Agreed. I'll be extremely happy when the hype over HD goes away and we can get back to calling it TV. In the meantime, it just keeps getting prolonged.


----------



## kal915

Chris Freeland said:


> Dish Latino goes up $2 without locals goes down $3 with locals, name changed to Dish Latino Classico. All other Dish Latino packs without locals will go up $3 and with locals down $2, it appears locals will be No Charge on all Mexico and Latino packs.


I don't get this very well.
So if I have Dish Latino Max with locals, then my price of $55 will go down to $53? Of if I have Dish Latino Max without locals, then my price goes up from $50 to $53, but i receive locals for free?


----------



## James Long

kal915 said:


> I don't get this very well.
> So if I have Dish Latino Max with locals, then my price of $55 will go down to $53? Of if I have Dish Latino Max without locals, then my price goes up from $50 to $53, but i receive locals for free?


Yes.

Locals are now included. There is no discount for not choosing to have them.


----------



## CABill

russ9 said:


> Lease Fee question:
> 
> I'm still trying to figure out what I should be paying.
> I have a 622 (leased), Dish DVR Advantage Silver, Silver HD and HBO.
> Right now (well as of January 31), my bill has $49.99 for DDA, $20 for HD and HBO and $7 for lease
> 
> According to this page:
> FAQ
> I'm only supposed to pay a lease fee if I have more than 1 receiver. Is that right?
> 
> Also, does anyone remember when DDA was started?


A lot of people that obtained their receiver via DISH'n It Up existing customer upgrade were charged the lease fee for the receiver, even if it was the primary or ONLY receiver on the account. I think it has only been about a year that NEW upgrades via DIU wouldn't charge the fee. It would be best to phone and ask - I don't know if the CSR can make the fee go away. They could give you a price to upgrade the 622 to another receiver and then you would NOT pay the $7. i.e. If you were to upgrade to a 722, the fee would go away. The language in the older DIU agreement differed from the current "first receiver always included".


----------



## CABill

ch3 said:


> At last year's DDA 100's price price of $39.99, I was only getting a $.52 per month advantage with AT100 annual ($330/12=$27.50+5.99+5.98=$39.47) all last year. Now with DDA 100 at $44.99, I'll be getting a $2.77 advantage per month (last year's AT100's annual of $363/12=$30.25+5.99+5.98=$42.22) until next January 25.
> 
> If you get annual now (what I will get next January), there's only a $0.94 advantage ($385/12=$32.08+5.99+5.98) with Classic Bronze 100 annual. That's only $11.28 per year, but you have to pay $385 in advance to get that. (Not something you'll likely want to do if you are not a loyal Dish customer.) Best to go annual in January (I just happen to luck out when I signed up for annual in January 1999). This is assuming that DDA 100 does not go up next February (and if it does or Classic Bronze 100 does, I will save more).

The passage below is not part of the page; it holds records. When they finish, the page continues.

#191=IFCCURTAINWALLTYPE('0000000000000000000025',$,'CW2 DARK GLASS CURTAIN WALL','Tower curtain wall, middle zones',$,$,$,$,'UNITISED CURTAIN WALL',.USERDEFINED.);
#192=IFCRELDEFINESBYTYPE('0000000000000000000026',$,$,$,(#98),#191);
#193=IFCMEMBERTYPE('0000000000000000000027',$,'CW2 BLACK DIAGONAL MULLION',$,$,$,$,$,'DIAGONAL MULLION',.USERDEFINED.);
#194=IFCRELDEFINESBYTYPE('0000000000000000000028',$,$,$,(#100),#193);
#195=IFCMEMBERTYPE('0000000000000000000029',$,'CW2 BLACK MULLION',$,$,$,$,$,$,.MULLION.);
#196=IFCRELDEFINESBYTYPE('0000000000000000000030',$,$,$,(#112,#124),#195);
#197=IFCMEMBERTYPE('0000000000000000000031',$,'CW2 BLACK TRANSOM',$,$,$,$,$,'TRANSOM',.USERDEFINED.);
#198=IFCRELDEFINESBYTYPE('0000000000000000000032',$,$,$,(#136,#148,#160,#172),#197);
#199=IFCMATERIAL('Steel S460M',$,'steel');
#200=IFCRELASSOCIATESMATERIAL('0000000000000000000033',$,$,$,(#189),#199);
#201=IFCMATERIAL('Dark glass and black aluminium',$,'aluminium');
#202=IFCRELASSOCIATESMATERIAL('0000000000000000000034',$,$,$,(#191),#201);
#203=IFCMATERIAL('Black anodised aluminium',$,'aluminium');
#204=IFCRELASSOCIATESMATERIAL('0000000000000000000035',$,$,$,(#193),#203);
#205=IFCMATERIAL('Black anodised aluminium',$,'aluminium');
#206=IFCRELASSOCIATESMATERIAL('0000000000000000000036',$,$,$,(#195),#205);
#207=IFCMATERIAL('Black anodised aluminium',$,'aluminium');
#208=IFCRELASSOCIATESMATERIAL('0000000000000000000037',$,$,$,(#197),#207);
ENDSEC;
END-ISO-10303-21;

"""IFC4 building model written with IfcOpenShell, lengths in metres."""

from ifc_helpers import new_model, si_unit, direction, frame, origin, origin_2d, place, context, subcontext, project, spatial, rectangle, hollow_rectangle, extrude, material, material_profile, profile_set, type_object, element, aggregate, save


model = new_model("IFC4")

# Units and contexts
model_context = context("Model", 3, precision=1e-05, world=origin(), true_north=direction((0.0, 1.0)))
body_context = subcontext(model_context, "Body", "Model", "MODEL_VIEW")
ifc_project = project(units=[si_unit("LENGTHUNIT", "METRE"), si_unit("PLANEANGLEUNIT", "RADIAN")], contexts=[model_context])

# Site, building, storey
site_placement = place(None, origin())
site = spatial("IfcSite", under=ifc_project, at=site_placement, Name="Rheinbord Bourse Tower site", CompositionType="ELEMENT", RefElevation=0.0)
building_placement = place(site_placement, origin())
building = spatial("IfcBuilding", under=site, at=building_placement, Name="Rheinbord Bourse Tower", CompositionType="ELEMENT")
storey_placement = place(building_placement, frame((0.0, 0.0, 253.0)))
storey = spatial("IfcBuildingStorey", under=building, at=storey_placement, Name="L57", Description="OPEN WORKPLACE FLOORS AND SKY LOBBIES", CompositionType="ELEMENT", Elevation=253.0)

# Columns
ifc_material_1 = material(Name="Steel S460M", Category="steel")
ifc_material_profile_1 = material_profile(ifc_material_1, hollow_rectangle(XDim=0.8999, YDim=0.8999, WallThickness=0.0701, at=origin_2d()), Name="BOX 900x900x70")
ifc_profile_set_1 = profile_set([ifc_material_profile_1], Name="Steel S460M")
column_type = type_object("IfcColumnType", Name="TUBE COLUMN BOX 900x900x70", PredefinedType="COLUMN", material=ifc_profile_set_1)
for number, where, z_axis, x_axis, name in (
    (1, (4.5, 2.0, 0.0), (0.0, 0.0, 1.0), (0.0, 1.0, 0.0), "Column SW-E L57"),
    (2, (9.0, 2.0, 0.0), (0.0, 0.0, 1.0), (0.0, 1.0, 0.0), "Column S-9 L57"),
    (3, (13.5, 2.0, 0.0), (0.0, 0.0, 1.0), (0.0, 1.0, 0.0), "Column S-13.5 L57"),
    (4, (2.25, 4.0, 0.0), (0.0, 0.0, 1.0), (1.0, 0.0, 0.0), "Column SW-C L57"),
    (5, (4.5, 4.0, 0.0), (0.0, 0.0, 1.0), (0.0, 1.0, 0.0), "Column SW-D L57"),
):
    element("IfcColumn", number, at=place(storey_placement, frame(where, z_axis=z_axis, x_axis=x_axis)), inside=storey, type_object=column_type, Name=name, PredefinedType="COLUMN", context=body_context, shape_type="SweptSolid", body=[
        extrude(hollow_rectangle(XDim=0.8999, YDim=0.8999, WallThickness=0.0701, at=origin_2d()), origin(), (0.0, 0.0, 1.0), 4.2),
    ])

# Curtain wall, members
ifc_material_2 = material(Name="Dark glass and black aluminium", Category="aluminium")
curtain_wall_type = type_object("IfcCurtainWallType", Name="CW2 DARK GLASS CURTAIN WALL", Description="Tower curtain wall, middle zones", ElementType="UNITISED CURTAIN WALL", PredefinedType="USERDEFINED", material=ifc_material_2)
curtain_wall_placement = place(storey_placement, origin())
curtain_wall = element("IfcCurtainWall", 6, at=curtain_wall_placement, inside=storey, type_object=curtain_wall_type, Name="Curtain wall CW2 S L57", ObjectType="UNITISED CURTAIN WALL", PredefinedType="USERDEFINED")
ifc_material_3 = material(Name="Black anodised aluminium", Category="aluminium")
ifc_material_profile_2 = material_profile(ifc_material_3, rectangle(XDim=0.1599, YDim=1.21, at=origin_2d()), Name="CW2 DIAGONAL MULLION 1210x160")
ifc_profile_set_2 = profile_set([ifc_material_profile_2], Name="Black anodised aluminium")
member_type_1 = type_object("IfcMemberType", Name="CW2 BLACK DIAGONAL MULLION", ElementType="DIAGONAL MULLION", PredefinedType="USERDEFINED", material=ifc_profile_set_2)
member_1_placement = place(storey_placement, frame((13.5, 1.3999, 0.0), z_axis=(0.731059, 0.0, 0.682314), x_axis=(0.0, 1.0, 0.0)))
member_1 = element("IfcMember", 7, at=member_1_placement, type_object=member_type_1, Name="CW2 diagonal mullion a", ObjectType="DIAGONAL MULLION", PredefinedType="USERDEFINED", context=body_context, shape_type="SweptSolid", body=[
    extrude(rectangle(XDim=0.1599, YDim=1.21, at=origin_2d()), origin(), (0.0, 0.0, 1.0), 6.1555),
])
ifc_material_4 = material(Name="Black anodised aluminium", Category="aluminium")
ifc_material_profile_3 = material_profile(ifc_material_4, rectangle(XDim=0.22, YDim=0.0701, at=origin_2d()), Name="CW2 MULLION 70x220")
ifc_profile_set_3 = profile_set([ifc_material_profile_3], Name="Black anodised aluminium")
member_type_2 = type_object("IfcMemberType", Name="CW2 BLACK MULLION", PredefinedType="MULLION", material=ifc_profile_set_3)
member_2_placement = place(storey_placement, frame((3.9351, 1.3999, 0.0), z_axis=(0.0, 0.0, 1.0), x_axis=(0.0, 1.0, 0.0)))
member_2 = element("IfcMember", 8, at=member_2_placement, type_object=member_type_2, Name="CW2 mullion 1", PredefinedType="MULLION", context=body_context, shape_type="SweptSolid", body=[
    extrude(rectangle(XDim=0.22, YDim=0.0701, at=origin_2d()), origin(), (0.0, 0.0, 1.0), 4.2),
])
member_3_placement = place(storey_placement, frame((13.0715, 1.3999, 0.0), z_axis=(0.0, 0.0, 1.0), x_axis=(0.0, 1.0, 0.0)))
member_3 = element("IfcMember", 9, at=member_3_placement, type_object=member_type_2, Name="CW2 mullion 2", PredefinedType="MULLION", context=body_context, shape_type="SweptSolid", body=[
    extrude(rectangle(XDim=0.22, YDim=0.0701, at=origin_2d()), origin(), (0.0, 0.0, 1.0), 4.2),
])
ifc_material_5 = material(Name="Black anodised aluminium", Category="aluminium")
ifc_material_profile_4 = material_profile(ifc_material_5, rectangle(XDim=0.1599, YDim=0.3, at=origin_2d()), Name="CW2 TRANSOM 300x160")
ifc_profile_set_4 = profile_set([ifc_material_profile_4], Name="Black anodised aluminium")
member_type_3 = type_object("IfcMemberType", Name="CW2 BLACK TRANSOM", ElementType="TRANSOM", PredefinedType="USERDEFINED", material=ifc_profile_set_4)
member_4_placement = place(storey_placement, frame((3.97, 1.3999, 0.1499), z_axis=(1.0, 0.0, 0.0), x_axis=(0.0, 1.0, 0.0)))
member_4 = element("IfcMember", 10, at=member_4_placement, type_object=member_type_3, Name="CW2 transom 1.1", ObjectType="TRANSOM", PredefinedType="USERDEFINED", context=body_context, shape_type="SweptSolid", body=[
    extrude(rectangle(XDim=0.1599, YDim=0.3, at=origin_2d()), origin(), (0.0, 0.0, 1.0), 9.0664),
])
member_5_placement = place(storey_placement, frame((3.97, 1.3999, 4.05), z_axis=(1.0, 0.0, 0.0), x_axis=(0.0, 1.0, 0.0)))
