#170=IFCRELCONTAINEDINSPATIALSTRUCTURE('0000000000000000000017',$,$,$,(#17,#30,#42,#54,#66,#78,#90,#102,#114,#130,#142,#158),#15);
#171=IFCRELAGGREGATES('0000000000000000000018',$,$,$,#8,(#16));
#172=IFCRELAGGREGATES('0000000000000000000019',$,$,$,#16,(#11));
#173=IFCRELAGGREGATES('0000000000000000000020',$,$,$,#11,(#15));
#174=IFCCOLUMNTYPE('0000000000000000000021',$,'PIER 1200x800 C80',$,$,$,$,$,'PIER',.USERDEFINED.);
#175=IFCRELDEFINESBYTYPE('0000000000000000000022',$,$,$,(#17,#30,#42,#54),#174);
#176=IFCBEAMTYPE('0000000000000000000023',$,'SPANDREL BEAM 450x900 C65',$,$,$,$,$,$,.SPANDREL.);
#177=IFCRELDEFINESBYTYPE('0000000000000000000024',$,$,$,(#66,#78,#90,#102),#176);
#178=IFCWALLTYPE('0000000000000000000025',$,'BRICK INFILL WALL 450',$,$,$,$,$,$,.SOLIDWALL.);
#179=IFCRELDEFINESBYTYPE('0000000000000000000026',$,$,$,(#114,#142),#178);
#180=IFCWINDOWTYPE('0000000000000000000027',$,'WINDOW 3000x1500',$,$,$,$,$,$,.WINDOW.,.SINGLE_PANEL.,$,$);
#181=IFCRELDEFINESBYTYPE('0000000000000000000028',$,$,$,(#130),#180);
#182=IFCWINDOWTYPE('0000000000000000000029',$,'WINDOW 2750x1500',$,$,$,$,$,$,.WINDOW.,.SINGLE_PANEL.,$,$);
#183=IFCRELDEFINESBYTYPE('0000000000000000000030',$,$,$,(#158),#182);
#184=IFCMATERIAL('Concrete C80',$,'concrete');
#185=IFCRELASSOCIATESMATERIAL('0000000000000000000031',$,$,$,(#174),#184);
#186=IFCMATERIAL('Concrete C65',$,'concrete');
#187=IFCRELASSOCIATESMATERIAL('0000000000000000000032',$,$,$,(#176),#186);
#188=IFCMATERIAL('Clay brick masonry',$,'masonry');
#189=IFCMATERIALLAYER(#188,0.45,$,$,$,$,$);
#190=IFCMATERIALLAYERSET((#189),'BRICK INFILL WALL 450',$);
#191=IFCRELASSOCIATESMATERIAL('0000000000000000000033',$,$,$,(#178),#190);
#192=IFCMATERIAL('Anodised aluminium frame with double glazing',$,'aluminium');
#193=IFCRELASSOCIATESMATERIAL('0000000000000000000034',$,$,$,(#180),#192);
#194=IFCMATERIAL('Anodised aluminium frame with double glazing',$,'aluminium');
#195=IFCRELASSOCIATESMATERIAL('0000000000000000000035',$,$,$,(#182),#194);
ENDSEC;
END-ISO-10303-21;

I've been annual (with add / drop to work the system) for over a decade (my 1st receiver came bundled with a year of programming), but last year was the first time I didn't renew annual. Only saving $0.52 / month didn't seem to justify prepaying for a year. Saving $33/year crosses my subjective threshold. There have been years when reverting to monthly payment instead of annual have produced partial year credits at the "new rate" and you can come out ahead, but that is a crap shoot. Like years where the lowest tier didn't increase but AT200 (whatever it was called at the time) did.


----------



## space86

russ9 said:


> Interesting, my bill, dated January 19 for Feb 4 to March 3 had no indication of the new prices... but I did get my second year of Sin-O-Max for a penny
> 
> I've already 'downsized' the platinum package and Showtime..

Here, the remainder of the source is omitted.